The Trump administration has announced that it will soon recommence the collection of defaulted student loans, marking the first such action in five years. This decision has raised concerns among millions of borrowers nationwide. The Department of Education disclosed that its Federal Student Aid office would restart collections on May 5, allowing it to deduct funds from tax refunds, Social Security benefits, and potentially wages of borrowers who have defaulted on their loans.
Education Secretary Linda McMahon stated that these actions aim to transition the federal student loan portfolio back into repayment, benefiting both borrowers and taxpayers. The change is expected to impact approximately 5.3 million borrowers who defaulted before the pandemic began. A borrower is classified as being in default when they fail to make a loan payment for at least 270 days.
Scott Buchanan, executive director of the nonprofit trade group Student Loan Servicing Alliance, emphasized the importance of addressing this issue promptly, as many borrowers are not currently in danger of delinquency but could be at risk in the coming months.
The Department of Education announced plans to issue wage garnishment notices later this summer, potentially seizing up to 15% of a borrower’s disposable income. Meanwhile, it is encouraging borrowers in default to begin making monthly payments or enroll in an income-driven repayment plan.

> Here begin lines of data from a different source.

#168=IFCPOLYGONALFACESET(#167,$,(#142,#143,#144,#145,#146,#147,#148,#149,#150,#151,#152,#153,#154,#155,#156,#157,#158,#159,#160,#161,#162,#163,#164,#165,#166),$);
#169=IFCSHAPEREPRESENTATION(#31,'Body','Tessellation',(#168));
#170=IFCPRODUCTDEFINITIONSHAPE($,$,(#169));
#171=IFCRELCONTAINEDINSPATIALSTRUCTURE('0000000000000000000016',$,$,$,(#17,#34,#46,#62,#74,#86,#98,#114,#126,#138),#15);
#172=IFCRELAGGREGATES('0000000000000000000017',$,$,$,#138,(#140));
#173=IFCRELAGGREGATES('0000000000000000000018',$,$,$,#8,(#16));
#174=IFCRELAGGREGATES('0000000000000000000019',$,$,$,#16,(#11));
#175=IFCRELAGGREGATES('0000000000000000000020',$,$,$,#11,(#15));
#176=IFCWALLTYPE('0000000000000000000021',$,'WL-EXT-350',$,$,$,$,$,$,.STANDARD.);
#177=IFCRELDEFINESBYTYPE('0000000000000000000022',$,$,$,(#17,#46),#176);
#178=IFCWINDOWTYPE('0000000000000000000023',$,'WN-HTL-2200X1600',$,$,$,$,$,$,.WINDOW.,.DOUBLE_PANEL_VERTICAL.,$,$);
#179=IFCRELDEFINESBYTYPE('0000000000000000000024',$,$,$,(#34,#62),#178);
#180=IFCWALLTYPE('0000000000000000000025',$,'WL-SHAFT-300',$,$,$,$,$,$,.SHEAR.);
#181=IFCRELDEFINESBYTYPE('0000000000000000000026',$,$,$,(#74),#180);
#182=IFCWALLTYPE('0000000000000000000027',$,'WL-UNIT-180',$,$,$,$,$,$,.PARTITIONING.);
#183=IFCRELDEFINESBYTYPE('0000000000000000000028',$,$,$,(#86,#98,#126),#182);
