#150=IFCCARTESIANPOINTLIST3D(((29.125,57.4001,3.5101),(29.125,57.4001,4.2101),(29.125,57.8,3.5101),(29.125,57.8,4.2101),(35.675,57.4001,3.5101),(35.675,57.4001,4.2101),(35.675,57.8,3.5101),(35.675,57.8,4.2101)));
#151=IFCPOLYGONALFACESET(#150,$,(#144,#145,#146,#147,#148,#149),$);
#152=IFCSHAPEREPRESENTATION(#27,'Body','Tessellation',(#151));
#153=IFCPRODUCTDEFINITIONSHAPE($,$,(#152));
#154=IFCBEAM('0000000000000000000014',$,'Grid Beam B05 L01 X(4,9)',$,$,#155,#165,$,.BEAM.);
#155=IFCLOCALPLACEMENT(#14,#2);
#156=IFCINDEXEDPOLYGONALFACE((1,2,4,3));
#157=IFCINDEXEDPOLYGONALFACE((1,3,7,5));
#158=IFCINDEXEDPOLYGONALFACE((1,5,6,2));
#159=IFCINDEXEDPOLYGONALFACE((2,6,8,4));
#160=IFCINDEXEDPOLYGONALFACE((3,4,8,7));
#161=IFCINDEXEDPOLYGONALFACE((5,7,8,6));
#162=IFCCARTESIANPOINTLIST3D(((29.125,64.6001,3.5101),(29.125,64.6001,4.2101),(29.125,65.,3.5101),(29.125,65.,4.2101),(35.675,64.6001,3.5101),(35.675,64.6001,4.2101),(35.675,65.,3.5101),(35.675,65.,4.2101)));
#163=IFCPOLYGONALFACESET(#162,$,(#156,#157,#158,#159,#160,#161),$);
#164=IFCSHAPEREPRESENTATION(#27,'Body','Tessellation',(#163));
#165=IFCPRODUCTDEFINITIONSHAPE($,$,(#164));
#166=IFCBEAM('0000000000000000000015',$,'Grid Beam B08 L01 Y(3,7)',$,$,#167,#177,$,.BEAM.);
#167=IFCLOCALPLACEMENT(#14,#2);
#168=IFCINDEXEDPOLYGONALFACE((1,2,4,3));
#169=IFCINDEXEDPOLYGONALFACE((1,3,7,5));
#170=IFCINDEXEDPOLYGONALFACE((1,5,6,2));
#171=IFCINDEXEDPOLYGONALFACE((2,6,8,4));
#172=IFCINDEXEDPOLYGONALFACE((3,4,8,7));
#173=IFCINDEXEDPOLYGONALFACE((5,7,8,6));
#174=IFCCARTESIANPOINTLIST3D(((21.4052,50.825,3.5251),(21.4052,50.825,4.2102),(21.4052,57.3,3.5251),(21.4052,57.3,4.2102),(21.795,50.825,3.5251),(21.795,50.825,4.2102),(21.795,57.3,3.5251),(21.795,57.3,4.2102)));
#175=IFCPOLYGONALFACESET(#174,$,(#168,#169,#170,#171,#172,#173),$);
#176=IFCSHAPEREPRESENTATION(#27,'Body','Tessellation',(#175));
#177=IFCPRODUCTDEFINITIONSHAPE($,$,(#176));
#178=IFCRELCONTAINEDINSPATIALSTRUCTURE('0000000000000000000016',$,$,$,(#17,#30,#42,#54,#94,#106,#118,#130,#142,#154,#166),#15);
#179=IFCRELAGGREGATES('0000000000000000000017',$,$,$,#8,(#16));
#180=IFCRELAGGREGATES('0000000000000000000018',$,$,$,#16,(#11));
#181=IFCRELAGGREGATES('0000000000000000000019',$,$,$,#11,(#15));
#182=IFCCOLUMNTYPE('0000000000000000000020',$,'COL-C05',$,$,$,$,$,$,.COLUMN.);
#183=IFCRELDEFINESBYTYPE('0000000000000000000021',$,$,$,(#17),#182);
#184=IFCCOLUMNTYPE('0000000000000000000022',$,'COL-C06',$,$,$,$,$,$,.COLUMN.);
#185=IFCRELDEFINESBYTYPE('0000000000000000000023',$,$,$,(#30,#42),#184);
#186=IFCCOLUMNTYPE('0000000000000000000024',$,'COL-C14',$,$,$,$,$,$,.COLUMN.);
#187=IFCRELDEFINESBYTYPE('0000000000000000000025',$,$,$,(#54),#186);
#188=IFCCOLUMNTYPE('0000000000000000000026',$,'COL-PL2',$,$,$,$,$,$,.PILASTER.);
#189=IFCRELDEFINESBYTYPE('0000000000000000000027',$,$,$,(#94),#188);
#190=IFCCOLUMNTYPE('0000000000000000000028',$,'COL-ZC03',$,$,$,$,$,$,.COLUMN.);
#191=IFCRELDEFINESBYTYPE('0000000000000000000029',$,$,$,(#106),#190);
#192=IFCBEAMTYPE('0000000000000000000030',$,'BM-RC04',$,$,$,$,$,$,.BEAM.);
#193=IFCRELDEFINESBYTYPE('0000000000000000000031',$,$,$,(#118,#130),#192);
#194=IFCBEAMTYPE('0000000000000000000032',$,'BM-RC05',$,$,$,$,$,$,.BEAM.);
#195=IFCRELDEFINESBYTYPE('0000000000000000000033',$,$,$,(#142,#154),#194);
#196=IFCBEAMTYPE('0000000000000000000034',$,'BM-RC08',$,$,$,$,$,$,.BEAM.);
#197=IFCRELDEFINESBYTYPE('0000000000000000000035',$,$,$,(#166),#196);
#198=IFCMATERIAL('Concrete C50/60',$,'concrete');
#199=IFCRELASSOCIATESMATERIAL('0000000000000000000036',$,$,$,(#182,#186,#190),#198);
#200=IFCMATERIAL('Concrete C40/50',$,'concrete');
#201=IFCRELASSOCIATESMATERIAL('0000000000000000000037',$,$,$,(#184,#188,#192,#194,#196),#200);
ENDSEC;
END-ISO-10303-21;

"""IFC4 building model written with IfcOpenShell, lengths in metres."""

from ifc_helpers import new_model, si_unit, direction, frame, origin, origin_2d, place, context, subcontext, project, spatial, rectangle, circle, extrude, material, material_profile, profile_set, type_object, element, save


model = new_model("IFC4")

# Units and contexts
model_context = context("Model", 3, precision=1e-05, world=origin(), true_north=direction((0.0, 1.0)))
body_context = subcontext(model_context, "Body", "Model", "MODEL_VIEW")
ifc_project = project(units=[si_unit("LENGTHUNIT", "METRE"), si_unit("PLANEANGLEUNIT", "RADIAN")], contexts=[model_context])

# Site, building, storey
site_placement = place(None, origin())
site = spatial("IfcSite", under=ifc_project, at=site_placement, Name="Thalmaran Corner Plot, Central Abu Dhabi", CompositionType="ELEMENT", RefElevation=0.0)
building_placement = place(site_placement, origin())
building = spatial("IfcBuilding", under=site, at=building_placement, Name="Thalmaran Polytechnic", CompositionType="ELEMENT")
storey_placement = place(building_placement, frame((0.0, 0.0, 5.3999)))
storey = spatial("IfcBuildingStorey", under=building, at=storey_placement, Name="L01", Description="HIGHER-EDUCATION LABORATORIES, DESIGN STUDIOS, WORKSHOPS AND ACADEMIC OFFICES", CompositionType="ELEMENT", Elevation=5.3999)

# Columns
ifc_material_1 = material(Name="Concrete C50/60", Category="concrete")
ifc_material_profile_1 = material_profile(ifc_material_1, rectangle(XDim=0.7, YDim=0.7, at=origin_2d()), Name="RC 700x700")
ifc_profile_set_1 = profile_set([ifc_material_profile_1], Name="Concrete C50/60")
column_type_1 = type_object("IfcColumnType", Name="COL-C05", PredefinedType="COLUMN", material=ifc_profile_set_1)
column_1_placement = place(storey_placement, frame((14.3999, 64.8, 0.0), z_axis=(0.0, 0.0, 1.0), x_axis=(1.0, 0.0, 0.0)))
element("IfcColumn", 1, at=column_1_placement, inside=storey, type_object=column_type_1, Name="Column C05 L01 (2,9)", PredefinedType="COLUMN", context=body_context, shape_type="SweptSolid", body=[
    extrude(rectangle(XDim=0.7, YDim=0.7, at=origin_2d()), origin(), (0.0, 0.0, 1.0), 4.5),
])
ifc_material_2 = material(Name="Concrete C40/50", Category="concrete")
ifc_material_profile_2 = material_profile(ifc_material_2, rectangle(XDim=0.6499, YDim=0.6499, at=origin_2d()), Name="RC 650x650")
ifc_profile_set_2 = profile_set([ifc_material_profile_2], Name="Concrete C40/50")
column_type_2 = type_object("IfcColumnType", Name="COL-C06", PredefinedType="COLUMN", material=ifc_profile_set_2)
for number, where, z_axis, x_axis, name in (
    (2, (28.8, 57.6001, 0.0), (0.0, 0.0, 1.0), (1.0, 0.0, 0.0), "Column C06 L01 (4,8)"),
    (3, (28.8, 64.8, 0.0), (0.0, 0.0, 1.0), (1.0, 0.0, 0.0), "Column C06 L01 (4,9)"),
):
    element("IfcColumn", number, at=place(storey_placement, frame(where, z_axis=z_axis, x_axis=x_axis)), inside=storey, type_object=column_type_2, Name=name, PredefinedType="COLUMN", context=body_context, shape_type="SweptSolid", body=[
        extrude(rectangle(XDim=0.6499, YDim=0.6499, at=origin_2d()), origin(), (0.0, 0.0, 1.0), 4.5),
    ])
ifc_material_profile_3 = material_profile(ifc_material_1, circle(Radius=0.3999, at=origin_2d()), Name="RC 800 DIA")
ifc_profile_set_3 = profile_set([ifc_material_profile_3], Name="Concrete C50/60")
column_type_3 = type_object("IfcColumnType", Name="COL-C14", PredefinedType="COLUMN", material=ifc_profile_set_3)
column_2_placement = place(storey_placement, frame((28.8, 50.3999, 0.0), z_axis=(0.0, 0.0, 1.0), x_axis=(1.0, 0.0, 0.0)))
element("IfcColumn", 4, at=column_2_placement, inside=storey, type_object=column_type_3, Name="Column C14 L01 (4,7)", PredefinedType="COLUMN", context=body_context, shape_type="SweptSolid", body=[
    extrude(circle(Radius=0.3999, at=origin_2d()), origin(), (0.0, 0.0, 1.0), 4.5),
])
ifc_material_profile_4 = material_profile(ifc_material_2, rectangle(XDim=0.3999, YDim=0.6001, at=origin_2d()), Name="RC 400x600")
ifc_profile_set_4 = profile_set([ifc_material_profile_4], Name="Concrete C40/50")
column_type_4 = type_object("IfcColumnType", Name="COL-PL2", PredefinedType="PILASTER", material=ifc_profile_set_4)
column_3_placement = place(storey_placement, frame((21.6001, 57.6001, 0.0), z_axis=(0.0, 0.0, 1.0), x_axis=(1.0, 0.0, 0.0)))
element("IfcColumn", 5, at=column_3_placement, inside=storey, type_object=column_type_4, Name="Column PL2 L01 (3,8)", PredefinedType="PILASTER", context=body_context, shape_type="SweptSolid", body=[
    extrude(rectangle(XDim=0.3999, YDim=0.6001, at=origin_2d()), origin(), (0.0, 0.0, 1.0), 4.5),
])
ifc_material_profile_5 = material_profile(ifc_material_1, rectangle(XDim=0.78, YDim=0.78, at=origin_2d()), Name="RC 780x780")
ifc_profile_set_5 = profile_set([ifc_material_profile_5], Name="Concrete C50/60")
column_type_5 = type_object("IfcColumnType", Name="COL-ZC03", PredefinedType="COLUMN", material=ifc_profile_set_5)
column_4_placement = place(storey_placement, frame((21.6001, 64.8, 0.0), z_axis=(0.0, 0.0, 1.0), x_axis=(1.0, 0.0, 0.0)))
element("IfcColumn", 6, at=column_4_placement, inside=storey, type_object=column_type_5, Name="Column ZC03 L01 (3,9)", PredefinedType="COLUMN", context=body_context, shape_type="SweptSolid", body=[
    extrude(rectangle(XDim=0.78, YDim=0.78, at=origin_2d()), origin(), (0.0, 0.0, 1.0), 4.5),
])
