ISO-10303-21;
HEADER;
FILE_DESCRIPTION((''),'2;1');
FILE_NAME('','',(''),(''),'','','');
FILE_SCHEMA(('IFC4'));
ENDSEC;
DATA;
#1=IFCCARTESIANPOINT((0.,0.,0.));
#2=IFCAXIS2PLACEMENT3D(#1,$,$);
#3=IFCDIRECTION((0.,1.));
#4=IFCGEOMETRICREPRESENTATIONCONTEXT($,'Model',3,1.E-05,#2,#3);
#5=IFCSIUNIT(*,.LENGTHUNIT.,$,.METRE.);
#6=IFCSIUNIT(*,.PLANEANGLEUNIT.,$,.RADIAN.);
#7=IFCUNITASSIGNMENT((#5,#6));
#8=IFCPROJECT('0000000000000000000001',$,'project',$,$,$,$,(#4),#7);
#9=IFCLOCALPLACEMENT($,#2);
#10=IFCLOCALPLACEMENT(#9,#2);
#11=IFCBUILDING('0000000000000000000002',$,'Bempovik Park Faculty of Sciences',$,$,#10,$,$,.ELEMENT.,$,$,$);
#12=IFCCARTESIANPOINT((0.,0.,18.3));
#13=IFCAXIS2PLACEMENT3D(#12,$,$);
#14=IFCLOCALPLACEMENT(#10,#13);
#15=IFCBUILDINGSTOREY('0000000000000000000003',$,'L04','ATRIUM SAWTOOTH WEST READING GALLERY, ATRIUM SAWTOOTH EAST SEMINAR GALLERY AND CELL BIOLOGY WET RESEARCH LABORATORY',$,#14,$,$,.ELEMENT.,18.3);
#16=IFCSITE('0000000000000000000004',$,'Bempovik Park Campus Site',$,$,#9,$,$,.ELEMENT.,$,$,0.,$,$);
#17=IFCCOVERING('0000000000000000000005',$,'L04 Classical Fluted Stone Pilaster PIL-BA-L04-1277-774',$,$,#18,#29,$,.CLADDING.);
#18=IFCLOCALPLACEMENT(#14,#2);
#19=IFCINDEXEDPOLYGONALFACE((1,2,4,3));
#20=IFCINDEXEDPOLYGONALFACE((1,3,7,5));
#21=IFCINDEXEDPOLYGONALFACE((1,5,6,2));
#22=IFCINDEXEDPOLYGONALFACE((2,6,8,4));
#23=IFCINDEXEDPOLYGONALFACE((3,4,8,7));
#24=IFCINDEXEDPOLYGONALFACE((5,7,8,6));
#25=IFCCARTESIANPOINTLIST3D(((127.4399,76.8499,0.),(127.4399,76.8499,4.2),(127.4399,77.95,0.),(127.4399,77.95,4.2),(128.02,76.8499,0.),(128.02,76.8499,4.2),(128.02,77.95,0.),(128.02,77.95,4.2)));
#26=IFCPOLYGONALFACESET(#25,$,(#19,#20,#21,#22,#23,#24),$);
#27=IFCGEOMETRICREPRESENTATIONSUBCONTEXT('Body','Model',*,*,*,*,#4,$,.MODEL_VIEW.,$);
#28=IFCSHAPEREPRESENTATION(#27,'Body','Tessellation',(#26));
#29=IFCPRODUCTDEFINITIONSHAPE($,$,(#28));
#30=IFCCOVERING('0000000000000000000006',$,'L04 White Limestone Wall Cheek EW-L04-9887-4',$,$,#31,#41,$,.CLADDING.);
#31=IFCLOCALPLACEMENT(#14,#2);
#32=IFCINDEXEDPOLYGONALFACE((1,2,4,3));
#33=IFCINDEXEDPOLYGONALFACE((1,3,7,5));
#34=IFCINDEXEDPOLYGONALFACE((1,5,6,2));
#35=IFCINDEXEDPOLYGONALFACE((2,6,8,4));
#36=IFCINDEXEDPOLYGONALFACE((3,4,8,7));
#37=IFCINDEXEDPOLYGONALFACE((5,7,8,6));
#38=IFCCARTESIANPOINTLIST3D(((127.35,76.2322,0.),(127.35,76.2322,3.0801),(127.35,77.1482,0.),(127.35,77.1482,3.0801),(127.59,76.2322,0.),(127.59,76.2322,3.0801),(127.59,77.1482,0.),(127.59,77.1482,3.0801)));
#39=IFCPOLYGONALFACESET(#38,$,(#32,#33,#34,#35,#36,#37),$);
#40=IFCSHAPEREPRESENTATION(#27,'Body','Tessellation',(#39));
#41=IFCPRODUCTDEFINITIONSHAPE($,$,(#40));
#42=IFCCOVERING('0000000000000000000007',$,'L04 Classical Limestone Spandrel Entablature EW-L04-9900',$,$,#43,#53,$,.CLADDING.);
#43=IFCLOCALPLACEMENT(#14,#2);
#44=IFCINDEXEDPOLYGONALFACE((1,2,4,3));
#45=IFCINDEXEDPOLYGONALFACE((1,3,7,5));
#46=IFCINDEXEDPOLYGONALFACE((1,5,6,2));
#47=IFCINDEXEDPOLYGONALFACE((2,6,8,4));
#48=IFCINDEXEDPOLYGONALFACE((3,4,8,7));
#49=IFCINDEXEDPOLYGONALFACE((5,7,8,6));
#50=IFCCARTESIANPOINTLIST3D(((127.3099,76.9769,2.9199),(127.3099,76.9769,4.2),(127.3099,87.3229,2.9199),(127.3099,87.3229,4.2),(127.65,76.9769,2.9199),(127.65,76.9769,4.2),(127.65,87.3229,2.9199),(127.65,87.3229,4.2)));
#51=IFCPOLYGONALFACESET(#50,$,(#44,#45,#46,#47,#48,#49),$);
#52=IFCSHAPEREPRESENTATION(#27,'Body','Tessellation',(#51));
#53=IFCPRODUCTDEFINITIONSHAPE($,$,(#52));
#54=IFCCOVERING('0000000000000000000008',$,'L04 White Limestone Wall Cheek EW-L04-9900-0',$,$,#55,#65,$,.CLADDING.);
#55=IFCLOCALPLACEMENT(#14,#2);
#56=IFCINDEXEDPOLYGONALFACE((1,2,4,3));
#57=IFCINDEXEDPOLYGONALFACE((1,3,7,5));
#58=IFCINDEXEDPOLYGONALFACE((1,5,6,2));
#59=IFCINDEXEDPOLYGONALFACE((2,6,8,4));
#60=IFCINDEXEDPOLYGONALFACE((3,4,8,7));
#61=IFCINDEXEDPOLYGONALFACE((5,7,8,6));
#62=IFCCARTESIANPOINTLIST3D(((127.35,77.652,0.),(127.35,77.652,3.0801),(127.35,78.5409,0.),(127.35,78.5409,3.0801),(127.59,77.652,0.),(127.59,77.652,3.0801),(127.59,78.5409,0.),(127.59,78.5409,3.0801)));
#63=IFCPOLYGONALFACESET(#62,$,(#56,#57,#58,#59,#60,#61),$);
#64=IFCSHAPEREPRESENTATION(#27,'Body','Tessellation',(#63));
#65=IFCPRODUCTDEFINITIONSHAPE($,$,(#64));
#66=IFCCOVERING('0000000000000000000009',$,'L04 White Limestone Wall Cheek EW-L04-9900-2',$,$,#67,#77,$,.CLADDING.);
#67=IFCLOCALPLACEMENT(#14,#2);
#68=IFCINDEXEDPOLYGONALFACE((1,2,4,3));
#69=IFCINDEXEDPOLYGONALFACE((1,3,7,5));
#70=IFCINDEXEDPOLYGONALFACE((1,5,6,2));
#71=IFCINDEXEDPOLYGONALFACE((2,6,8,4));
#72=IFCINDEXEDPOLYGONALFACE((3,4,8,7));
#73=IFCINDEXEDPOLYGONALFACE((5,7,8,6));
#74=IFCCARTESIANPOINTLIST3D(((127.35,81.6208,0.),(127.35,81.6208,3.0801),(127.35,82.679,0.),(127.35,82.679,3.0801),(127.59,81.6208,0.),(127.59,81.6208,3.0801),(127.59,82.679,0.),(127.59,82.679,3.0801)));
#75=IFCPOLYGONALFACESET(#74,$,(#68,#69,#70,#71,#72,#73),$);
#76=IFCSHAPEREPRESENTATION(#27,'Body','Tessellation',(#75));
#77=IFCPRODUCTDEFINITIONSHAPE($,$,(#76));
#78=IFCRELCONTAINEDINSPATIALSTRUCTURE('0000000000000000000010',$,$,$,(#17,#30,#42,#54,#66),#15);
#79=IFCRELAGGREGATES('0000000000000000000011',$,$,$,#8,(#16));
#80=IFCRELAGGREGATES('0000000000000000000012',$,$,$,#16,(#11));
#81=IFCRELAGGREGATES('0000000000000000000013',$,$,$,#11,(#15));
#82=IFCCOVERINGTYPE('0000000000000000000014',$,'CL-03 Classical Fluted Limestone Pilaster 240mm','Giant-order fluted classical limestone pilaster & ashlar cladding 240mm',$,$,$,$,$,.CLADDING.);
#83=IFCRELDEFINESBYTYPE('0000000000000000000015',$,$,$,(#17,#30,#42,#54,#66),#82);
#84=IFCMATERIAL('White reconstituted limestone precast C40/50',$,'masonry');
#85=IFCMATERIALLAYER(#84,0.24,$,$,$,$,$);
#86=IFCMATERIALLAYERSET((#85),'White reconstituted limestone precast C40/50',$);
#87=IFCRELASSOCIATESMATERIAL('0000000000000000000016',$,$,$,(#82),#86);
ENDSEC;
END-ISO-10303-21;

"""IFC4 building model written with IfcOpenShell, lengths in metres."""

from ifc_helpers import new_model, si_unit, direction, frame, origin, origin_2d, place, context, subcontext, project, spatial, rectangle, extrude, material, layer, layer_set, type_object, element, save


model = new_model("IFC4")

# Units and contexts
model_context = context("Model", 3, precision=1e-05, world=origin(), true_north=direction((0.0, 1.0)))
body_context = subcontext(model_context, "Body", "Model", "MODEL_VIEW")
ifc_project = project(units=[si_unit("LENGTHUNIT", "METRE"), si_unit("PLANEANGLEUNIT", "RADIAN")], contexts=[model_context])

# Site, building, storey
site_placement = place(None, origin())
site = spatial("IfcSite", under=ifc_project, at=site_placement, Name="Bempovik Park Campus Site", CompositionType="ELEMENT", RefElevation=0.0)
building_placement = place(site_placement, origin())
building = spatial("IfcBuilding", under=site, at=building_placement, Name="Bempovik Park Faculty of Sciences", CompositionType="ELEMENT")
storey_placement = place(building_placement, frame((0.0, 0.0, 18.3)))
storey = spatial("IfcBuildingStorey", under=building, at=storey_placement, Name="L04", Description="ATRIUM SAWTOOTH WEST READING GALLERY, ATRIUM SAWTOOTH EAST SEMINAR GALLERY AND CELL BIOLOGY WET RESEARCH LABORATORY", CompositionType="ELEMENT", Elevation=18.3)

# Coverings
ifc_material_1 = material(Name="White reconstituted limestone precast C40/50", Category="masonry")
ifc_layer_1 = layer(ifc_material_1, 0.24)
ifc_layer_set_1 = layer_set([ifc_layer_1], Name="White reconstituted limestone precast C40/50")
covering_type = type_object("IfcCoveringType", Name="CL-03 Classical Fluted Limestone Pilaster 240mm", Description="Giant-order fluted classical limestone pilaster & ashlar cladding 240mm", PredefinedType="CLADDING", material=ifc_layer_set_1)
covering_1_placement = place(storey_placement, frame((127.73, 77.3999, 0.0), z_axis=(0.0, 0.0, 1.0), x_axis=(1.0, 0.0, 0.0)))
element("IfcCovering", 1, at=covering_1_placement, inside=storey, type_object=covering_type, Name="L04 Classical Fluted Stone Pilaster PIL-BA-L04-1277-774", PredefinedType="CLADDING", context=body_context, shape_type="SweptSolid", body=[
    extrude(rectangle(XDim=0.5801, YDim=1.1001, at=origin_2d()), origin(), (0.0, 0.0, 1.0), 4.2),
])
covering_2_placement = place(storey_placement, frame((127.47, 76.6902, 0.0), z_axis=(0.0, 0.0, 1.0), x_axis=(1.0, 0.0, 0.0)))
element("IfcCovering", 2, at=covering_2_placement, inside=storey, type_object=covering_type, Name="L04 White Limestone Wall Cheek EW-L04-9887-4", PredefinedType="CLADDING", context=body_context, shape_type="SweptSolid", body=[
    extrude(rectangle(XDim=0.24, YDim=0.916, at=origin_2d()), origin(), (0.0, 0.0, 1.0), 3.0801),
])
covering_3_placement = place(storey_placement, frame((127.48, 82.1499, 2.9199), z_axis=(0.0, 0.0, 1.0), x_axis=(1.0, 0.0, 0.0)))
element("IfcCovering", 3, at=covering_3_placement, inside=storey, type_object=covering_type, Name="L04 Classical Limestone Spandrel Entablature EW-L04-9900", PredefinedType="CLADDING", context=body_context, shape_type="SweptSolid", body=[
    extrude(rectangle(XDim=0.3401, YDim=10.3459, at=origin_2d()), origin(), (0.0, 0.0, 1.0), 1.28),
])
covering_4_placement = place(storey_placement, frame((127.47, 78.0964, 0.0), z_axis=(0.0, 0.0, 1.0), x_axis=(1.0, 0.0, 0.0)))
element("IfcCovering", 4, at=covering_4_placement, inside=storey, type_object=covering_type, Name="L04 White Limestone Wall Cheek EW-L04-9900-0", PredefinedType="CLADDING", context=body_context, shape_type="SweptSolid", body=[
    extrude(rectangle(XDim=0.24, YDim=0.8889, at=origin_2d()), origin(), (0.0, 0.0, 1.0), 3.0801),
])
covering_5_placement = place(storey_placement, frame((127.47, 82.1499, 0.0), z_axis=(0.0, 0.0, 1.0), x_axis=(1.0, 0.0, 0.0)))
element("IfcCovering", 5, at=covering_5_placement, inside=storey, type_object=covering_type, Name="L04 White Limestone Wall Cheek EW-L04-9900-2", PredefinedType="CLADDING", context=body_context, shape_type="SweptSolid", body=[
    extrude(rectangle(XDim=0.24, YDim=1.0581, at=origin_2d()), origin(), (0.0, 0.0, 1.0), 3.0801),
])

save(model, "model.ifc")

Mike Pierce, executive director of the Student Borrower Protection Center, acknowledged the fear and confusion borrowers may feel about resuming monthly payments they cannot afford. The current economic climate, coupled with rising costs due to tariffs, adds further strain on families with student debt.
Experts consulted by NPR provided insight into borrowers’ options as collections resume. Nearly 8 million borrowers were in default when the pandemic began, and the initial pause on collections was announced by the Trump administration in March 2020. The Biden administration extended the pause on federal student loan payments multiple times until October 2023; however, collections have now picked up once more.
Betsy Mayotte, president of the Institute of Student Loan Advisors (TISLA), explained that the resumption of loan collections was inevitable and not a new policy but rather the restoration of an existing one. She noted that the Department of Education is obligated to collect on debts owed to U.S. taxpayers.
The Trump administration, which opposes broad-based student loan forgiveness, reaffirmed its stance that student and parent borrowers, not taxpayers, must repay their student loans.
To help borrowers understand if they are affected, the Department of Education plans to contact all those in default before May 5 through emails and social media. Borrowers can also check their status on the StudentAid.gov website, which provides detailed information about their loans.
For borrowers in default, several options are available to exit this status. The quickest method is full loan repayment, though it may be challenging for most. Alternatives include loan consolidation and rehabilitation, which can remove the default status from credit reports or offer lower repayment options.
The Department of Education is experiencing significant reductions in workforce as a result of federal workforce cuts, potentially complicating loan navigation for borrowers. Despite these challenges, there are resources available to assist borrowers, including advocates, state ombudsmen, nonprofits, and online information.
Scott Buchanan advises borrowers to utilize the loan calculator on the federal student aid website to estimate their payments and select the best repayment plan, highlighting the flexibility of the federal student loan program in adjusting repayment options according to changing circumstances.